When I bought it, I was lucky, and one of the guys at the shop had accidentally bought some 9mm Makarov or 9x18... So I bought that from him for it.. 150 rounds... .. 

Then I decided I better find some more, so I hit the web last night, and was surprised the first links I checked were in stock, so I ordered 300 rounds of FMJ and 100 of JHP.. There is a 2-3 day shipping delay though, but I can live with that.. 36 and .38 cents per round.. Yes, expensive for what it used to run, BUT, considering other prices.. not bad.

So I thought OK, lemme see how easy it is to find some 38 (which I don't need) or some 357 (Which I could stand to get some more of)... Couldn't find anything unless I wanted to pay about $2 a shot.. 

So then I thought, OK, lemme see about some 6.5x55 Swedish... which I could stand to use some more of... And there within a link or two, I found some at decent prices.. .

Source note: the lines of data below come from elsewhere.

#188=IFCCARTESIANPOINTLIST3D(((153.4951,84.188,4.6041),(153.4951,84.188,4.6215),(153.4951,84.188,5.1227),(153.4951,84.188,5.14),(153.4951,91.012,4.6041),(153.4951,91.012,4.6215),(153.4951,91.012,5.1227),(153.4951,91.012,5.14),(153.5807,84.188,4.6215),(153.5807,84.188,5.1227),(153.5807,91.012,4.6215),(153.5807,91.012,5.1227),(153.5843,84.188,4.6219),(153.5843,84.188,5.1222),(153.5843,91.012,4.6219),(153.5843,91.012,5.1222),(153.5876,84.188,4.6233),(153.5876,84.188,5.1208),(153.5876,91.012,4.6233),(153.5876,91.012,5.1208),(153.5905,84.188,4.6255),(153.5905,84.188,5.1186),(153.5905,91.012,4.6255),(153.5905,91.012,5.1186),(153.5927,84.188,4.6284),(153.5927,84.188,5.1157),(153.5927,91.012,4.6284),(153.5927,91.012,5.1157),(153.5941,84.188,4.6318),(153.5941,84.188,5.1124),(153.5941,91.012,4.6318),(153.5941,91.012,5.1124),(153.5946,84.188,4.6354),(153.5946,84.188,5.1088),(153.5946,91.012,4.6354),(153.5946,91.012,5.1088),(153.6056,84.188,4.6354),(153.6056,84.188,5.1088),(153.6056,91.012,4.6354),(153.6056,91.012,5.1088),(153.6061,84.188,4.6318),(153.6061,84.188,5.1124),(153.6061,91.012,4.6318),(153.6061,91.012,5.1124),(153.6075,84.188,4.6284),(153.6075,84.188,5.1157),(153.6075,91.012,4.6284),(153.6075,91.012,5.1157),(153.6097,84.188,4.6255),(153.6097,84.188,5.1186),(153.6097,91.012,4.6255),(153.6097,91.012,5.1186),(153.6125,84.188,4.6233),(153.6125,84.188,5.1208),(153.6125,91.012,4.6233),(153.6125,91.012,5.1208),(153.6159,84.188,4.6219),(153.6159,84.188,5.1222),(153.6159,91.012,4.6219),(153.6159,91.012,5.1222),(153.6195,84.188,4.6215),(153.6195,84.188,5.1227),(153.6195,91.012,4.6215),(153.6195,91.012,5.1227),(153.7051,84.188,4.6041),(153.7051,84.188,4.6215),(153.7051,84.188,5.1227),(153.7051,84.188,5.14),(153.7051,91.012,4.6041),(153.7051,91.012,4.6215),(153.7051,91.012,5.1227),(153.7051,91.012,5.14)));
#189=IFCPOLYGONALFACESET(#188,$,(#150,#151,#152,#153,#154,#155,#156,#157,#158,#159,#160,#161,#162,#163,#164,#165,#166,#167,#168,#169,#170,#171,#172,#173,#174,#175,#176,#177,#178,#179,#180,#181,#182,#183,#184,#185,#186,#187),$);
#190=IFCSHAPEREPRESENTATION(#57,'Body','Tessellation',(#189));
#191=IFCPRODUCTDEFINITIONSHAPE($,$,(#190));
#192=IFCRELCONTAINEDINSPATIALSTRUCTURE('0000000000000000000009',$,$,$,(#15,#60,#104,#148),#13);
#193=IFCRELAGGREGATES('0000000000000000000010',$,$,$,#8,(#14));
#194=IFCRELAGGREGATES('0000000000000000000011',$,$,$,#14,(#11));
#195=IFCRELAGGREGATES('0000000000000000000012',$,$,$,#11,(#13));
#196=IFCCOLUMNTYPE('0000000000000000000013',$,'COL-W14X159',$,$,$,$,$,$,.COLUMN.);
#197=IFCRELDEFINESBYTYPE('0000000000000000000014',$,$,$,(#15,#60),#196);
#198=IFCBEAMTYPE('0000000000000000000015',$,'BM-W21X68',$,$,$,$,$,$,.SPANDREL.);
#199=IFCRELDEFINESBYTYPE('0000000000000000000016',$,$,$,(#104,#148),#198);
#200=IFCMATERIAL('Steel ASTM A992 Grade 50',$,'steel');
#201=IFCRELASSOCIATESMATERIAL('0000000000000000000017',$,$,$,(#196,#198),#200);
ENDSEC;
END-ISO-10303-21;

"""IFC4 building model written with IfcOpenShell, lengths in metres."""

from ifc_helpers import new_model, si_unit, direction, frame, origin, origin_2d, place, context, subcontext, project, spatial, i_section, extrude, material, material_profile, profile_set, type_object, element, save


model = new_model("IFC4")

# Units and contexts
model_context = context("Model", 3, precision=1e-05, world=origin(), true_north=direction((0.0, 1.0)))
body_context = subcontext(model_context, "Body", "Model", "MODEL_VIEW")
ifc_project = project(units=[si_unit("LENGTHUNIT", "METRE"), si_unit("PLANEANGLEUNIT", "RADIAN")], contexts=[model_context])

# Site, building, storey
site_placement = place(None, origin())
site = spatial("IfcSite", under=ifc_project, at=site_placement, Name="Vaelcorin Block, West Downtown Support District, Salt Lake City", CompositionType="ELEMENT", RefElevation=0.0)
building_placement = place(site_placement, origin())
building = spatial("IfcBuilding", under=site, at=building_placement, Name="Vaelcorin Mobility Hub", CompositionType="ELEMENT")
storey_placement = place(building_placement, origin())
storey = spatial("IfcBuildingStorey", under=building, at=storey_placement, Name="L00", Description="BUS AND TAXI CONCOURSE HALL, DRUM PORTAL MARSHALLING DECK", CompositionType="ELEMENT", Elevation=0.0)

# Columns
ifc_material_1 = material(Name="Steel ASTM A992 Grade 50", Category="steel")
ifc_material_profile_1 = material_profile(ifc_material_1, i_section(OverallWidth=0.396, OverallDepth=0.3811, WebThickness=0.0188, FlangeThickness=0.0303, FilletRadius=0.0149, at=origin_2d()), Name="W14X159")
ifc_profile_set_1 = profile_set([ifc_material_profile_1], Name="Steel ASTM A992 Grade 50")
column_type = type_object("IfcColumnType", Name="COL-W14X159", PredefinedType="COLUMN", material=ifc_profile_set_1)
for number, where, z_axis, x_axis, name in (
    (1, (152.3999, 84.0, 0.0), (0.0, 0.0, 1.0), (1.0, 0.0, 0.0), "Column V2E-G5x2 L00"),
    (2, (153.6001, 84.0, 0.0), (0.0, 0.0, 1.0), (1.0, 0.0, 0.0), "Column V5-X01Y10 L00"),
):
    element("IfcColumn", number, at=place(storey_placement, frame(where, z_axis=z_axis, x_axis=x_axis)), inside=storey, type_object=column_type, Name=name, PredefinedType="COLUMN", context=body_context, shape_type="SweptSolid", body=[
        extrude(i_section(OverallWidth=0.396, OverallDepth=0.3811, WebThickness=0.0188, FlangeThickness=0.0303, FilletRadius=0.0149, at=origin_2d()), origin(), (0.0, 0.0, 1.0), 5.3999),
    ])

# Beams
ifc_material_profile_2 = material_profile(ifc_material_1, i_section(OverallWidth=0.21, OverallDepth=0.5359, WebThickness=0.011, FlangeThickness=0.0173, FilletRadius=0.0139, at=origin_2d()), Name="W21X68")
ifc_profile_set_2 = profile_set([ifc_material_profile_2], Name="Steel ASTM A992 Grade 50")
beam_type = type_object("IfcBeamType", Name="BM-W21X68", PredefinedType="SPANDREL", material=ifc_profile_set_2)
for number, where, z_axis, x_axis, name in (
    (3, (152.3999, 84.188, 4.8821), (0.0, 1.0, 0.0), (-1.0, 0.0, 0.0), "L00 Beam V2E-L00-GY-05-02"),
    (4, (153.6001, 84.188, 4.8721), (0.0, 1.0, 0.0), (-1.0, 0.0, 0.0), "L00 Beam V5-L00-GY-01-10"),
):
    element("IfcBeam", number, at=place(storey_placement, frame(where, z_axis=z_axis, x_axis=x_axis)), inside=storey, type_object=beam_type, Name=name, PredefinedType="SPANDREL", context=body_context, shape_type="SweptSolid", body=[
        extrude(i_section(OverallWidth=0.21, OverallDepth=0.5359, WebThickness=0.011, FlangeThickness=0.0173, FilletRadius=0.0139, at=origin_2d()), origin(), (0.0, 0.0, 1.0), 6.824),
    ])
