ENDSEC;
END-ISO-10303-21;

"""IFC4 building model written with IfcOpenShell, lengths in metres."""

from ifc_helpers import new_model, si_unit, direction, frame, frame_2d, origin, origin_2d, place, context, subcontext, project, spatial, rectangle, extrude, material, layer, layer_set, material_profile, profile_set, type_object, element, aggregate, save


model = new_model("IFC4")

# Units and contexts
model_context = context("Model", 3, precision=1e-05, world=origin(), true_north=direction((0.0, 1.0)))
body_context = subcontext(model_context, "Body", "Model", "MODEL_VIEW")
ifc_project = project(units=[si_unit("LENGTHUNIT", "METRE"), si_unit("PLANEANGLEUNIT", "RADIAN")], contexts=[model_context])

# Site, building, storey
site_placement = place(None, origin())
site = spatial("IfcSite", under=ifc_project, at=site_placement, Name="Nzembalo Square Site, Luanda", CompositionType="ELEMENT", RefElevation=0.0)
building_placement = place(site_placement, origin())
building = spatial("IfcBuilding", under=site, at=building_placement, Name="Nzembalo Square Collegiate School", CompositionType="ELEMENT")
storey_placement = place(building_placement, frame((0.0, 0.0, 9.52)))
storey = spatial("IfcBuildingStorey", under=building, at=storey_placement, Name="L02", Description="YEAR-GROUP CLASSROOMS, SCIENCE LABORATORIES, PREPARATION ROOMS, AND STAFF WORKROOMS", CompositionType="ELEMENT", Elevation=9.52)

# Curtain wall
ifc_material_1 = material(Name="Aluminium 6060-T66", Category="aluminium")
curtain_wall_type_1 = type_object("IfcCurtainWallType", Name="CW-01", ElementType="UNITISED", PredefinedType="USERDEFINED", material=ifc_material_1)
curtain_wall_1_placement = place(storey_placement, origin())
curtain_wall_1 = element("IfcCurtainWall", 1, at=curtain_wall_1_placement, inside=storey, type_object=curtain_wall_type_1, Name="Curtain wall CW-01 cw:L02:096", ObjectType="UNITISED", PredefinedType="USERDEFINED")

So then I thought I'd look for some 7mm Mauser, which I have plenty of, but it is a little bit of an odd ball... It wasn't as easy to find as the Swedish, but I could still find it at prices similar to what I'd been paying.. 

So then I went to look for some .308.. Yeah, it's out there, but you better be rich... 

I do also see you can somewhat easily find 7.62x39, but it has gone up in price at least 50% of what it was selling for a year ago, but at least it's there.. 

So I am still seeing that even with all the hording, it is still easier to get the odd calibers over the common stuff, and the odd ball stuff is staying a lot cheaper than the more common sizes.. .Also, it seems to be a lot easier to get foreign made ammo over American made ammo.. 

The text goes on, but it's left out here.